The geographic trajectory — Phoenix to two additional major metros — suggested a relationship that was deepening, not contracting. The exit, then, warrants attention.

What the Architecture of This Deal Revealed

The Waymo–Uber model was structurally distinct from Waymo's own first-party service, Waymo One, where Waymo controls the booking interface, the fleet dispatch, and the customer relationship end-to-end. Under the Uber integration, Waymo supplied the vehicle and the autonomous driving system; Uber handled demand aggregation, payments, and the rider-facing app layer. For Waymo, the upside was access to Uber's established rider base without the customer-acquisition overhead. For Uber, fielding autonomous vehicles on its platform was a way to participate in the AV economy without carrying the capital burden of developing its own self-driving stack — a path Uber itself abandoned when it divested its ATG unit to Aurora in December 2020.

That division of labor made commercial sense on paper. In practice, two-sided AV deployments introduce coordination complexity that single-operator fleets do not face: fleet availability signals, geofence management, surge pricing logic, and incident-response protocols all require tight integration across systems that were not designed together. Whether those friction points contributed to the Phoenix exit is not confirmed by the available sourcing.

The Broader Competitive Context

Waymo's first-party Waymo One service has been expanding in parallel, with paid robotaxi operations running in San Francisco and Los Angeles alongside Phoenix.
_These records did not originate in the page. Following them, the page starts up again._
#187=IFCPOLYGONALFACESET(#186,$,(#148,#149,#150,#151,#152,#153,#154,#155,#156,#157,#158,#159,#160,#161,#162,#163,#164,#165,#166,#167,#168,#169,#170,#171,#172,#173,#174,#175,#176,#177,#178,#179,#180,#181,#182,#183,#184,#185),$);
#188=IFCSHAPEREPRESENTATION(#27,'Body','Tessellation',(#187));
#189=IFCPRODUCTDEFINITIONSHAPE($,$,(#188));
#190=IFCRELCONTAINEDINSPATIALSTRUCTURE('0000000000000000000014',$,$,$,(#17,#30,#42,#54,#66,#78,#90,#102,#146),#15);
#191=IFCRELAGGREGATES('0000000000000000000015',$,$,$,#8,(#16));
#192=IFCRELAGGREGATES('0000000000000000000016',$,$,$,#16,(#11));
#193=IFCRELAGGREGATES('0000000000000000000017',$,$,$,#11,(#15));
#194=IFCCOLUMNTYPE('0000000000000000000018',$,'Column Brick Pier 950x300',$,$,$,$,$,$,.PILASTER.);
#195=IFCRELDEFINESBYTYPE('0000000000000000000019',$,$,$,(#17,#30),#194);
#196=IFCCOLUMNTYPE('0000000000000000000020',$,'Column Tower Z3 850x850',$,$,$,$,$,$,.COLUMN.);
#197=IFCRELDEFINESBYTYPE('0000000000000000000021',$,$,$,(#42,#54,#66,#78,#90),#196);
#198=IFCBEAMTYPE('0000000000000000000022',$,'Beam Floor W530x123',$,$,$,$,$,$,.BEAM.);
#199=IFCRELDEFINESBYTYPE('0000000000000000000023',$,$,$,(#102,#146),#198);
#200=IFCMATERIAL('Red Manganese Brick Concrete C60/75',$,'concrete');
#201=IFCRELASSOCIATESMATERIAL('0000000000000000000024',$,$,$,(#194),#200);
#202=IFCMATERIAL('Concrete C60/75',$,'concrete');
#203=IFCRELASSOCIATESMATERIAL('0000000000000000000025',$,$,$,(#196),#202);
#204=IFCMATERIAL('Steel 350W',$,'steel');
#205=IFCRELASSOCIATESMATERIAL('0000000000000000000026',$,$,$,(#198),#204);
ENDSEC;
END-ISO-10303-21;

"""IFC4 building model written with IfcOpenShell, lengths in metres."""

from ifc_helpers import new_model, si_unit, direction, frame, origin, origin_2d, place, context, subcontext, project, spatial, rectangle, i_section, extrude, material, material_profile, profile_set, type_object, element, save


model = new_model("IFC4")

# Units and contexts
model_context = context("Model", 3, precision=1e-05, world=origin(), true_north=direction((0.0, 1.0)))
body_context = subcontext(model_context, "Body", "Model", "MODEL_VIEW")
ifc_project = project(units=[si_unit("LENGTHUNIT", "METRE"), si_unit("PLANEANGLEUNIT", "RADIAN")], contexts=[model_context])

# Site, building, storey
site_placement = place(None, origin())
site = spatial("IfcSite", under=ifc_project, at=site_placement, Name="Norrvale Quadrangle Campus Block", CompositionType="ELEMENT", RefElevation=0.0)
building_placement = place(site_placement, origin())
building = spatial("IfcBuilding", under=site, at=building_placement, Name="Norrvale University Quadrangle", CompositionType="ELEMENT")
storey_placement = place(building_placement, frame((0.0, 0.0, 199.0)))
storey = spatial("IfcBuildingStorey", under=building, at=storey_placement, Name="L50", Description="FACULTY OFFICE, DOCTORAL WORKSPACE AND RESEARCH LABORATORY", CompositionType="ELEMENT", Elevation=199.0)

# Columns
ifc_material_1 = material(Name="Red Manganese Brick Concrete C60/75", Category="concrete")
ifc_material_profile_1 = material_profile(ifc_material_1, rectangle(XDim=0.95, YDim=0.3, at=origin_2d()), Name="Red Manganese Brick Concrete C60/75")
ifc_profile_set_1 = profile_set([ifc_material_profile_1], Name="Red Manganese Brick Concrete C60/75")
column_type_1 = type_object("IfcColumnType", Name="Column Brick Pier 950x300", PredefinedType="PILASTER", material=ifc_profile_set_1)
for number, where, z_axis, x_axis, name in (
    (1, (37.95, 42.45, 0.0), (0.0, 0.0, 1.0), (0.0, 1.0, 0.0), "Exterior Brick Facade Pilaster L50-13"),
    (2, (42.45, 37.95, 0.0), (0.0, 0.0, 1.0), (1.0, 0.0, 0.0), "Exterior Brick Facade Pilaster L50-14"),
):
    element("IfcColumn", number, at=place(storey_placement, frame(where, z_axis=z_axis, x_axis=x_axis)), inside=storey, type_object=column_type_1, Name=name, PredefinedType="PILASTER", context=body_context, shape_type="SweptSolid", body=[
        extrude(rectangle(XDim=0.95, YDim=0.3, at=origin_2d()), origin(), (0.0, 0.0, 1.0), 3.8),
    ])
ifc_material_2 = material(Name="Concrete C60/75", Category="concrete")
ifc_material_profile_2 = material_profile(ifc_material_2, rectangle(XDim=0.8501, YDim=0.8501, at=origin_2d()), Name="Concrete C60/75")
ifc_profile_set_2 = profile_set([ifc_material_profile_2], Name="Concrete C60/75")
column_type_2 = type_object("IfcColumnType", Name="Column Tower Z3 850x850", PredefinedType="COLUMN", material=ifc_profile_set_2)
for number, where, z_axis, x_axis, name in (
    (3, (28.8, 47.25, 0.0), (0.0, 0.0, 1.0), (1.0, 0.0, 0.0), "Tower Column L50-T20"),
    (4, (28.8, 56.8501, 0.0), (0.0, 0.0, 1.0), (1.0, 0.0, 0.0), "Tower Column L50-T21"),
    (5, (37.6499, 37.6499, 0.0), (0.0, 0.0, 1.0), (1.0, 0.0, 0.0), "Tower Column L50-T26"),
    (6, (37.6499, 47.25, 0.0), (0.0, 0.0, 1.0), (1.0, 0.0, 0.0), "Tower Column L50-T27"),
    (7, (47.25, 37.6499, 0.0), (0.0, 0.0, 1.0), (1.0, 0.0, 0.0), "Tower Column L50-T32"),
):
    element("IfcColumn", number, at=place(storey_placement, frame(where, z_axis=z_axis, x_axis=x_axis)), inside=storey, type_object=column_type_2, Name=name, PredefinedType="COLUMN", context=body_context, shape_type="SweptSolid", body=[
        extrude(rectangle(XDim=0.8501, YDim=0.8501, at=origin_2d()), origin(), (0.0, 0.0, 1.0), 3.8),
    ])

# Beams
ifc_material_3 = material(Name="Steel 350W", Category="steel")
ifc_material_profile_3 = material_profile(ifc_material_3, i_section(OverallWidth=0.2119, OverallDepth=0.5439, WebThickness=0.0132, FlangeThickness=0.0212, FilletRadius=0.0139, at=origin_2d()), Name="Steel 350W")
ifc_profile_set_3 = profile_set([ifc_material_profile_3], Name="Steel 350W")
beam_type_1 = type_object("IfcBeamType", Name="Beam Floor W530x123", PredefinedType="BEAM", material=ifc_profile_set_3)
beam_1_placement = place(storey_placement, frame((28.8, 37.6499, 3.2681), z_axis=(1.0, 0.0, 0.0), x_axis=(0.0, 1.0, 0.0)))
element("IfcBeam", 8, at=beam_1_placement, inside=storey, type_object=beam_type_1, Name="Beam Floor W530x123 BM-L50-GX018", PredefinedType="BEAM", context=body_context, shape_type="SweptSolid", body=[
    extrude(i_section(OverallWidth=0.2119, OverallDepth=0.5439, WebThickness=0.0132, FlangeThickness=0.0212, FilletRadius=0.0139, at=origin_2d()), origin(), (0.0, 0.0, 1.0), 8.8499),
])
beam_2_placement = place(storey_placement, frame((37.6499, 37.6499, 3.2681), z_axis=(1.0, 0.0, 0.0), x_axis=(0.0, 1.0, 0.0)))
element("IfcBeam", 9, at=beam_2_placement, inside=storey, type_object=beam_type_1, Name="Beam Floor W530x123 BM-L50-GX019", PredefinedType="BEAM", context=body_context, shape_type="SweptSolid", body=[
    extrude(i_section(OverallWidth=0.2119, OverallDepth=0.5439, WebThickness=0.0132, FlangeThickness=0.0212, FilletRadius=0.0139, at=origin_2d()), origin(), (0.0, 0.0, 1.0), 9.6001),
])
That organic growth gives Waymo an increasingly credible alternative to distribution through a partner platform — and reduces the strategic urgency of a revenue-share arrangement with a competitor that is also investing in its own autonomous vehicle relationships, including a long-standing partnership with Aurora on freight.
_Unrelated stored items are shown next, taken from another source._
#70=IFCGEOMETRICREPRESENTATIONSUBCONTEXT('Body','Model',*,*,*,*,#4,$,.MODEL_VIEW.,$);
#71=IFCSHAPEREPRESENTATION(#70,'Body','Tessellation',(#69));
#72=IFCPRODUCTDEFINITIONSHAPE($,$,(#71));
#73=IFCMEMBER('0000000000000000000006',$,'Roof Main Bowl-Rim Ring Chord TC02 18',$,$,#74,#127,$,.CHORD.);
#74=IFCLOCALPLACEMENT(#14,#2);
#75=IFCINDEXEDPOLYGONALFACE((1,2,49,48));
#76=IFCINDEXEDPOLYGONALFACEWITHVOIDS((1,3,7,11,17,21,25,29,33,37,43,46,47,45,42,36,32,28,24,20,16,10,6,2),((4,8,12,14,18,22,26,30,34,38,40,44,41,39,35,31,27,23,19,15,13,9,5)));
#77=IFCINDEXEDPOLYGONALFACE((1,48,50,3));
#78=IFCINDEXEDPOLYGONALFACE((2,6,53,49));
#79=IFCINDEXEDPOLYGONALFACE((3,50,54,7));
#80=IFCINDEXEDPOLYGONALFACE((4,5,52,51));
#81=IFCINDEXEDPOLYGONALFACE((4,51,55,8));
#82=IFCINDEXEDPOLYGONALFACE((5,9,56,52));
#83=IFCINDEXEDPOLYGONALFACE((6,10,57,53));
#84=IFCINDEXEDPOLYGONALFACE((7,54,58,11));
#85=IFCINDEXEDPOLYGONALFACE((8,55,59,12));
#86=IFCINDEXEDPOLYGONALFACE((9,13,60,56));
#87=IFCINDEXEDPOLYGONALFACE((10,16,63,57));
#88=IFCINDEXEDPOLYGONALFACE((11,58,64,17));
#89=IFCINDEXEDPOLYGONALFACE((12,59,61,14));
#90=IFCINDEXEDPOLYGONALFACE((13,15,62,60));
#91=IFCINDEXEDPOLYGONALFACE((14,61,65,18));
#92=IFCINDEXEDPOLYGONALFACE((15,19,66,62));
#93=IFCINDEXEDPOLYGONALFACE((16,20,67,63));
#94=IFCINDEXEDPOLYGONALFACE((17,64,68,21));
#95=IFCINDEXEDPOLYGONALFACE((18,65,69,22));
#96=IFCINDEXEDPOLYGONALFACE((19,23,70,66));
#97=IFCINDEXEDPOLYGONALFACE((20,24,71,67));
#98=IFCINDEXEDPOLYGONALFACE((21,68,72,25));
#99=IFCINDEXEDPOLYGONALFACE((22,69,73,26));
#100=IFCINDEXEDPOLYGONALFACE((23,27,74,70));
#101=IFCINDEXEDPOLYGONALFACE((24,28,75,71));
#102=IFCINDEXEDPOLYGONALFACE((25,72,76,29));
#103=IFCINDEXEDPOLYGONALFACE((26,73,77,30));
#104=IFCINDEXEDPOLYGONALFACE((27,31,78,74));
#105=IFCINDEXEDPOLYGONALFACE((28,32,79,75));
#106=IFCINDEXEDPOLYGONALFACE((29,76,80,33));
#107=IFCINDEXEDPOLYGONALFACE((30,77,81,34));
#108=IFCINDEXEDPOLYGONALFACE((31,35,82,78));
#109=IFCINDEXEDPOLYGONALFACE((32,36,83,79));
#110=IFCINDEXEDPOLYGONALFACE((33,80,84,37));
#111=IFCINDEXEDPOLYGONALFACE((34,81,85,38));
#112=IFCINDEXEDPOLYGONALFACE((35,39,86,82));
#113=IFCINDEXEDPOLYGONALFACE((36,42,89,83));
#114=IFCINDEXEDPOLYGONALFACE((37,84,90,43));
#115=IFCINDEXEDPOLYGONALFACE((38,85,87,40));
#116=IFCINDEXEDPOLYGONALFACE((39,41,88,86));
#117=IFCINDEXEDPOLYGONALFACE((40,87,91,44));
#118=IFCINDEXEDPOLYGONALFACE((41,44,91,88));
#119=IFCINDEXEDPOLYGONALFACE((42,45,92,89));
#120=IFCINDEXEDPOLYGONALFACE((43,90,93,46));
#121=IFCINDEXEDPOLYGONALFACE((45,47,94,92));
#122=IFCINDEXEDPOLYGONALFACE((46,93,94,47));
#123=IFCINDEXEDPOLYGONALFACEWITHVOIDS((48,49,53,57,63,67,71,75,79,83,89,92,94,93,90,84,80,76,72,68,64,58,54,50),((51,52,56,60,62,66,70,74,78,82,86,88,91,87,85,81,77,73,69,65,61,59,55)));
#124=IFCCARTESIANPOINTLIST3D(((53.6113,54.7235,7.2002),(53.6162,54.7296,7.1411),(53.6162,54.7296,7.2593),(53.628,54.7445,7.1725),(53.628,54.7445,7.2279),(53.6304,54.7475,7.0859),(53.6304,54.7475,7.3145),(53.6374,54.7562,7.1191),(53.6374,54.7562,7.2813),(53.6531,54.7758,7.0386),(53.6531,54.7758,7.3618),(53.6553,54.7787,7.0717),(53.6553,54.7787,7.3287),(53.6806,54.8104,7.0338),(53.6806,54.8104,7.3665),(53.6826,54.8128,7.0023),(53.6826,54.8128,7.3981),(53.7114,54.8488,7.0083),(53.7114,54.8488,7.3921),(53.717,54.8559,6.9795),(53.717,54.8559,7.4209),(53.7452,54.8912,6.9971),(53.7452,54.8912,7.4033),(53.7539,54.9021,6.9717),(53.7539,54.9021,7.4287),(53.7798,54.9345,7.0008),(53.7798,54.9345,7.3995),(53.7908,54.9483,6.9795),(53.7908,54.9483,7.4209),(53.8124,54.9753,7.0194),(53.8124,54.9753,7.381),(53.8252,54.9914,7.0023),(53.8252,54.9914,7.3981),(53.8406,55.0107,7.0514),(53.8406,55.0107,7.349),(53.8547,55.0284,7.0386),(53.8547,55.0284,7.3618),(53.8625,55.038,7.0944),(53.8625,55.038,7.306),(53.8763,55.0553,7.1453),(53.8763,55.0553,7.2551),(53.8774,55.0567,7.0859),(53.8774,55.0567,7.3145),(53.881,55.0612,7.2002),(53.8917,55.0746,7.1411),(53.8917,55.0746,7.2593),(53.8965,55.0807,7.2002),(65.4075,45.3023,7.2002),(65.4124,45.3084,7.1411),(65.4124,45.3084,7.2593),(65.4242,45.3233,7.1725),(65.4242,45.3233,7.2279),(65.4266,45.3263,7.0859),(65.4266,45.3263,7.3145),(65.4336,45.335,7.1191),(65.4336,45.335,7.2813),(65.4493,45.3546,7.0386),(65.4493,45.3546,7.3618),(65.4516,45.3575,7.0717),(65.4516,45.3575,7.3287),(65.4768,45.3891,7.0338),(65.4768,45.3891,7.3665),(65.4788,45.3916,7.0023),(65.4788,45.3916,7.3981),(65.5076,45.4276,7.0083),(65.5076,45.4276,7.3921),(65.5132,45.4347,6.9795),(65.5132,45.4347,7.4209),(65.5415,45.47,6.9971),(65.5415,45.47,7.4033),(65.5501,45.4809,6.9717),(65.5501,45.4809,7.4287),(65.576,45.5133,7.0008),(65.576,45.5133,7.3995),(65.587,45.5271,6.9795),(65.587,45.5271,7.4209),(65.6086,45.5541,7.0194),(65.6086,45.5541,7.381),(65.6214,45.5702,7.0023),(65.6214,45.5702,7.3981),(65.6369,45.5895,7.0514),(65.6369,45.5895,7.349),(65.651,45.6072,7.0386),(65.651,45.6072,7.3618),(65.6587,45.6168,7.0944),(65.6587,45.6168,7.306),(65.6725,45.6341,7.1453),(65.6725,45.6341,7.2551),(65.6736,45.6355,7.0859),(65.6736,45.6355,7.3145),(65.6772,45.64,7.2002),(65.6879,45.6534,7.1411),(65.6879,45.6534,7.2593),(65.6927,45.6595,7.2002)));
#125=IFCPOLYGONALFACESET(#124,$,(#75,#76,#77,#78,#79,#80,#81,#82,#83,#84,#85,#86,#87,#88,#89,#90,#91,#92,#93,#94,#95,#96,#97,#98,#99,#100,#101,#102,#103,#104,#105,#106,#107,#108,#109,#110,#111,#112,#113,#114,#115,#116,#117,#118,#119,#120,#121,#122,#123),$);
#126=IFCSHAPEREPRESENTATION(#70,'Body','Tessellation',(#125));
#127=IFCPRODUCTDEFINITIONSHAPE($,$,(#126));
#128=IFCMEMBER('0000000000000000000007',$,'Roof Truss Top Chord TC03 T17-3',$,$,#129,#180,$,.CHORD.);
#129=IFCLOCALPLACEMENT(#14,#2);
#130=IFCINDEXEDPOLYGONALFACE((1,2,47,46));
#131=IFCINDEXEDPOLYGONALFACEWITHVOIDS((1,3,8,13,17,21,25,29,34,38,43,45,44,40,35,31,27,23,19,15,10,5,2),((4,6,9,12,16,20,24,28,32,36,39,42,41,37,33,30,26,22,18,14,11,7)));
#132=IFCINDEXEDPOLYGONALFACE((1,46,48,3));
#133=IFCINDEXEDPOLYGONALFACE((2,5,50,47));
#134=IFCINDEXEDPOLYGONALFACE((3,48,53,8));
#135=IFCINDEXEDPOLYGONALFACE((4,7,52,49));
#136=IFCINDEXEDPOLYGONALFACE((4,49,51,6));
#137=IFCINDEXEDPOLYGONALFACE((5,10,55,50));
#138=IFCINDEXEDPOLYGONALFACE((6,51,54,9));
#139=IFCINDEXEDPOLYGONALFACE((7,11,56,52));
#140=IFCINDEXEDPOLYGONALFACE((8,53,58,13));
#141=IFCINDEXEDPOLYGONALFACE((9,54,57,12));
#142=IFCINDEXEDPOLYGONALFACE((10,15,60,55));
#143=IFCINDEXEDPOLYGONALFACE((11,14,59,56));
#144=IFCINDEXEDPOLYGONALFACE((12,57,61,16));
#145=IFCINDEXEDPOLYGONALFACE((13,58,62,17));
Worth flagging here: the sequencing matters. Waymo agreed to bring Austin and Atlanta online through Uber as recently as September 2024. Unwinding the Phoenix operation less than two years later, before those city expansions were fully public, is a tighter reversal than the outward narrative of expansion would have implied. Whether Austin and Atlanta deployments proceed, stall, or are quietly shelved is the next data point to watch.

Uber, for its part, has consistently positioned itself as a platform agnostic to which AV provider sits underneath — it also has a commercial deal with Waymo rival Cruise's successor operations and has discussed integrations with other autonomy players. Losing the Waymo Phoenix integration does not strand Uber strategically, but it does thin the roster of active AV partnerships on its platform.

What This Means for the Deployment Model

The Phoenix experiment produced something genuinely useful: roughly three years of commercial operational data on how a third-party AV fleet performs inside a major consumer ride-hailing product, including the extension into autonomous delivery. That data — on utilization rates, rider acceptance, geofence edge cases, and delivery handoff logistics — has value regardless of which company holds it.

The harder question, and one the industry has not yet answered cleanly, is whether the future of AV deployment runs through vertically integrated operators like Waymo One, through platform aggregators like Uber acting as a marketplace, or through some hybrid that has not yet crystallized. Phoenix was a live test of the aggregator model at production scale. Its closure narrows, at least for now, the evidence base for that thesis.

The infrastructure being built — the vehicle fleets, the sensor and compute stacks, the HD mapping pipelines — is not going anywhere. The commercial layer above it, it turns out, is still being negotiated.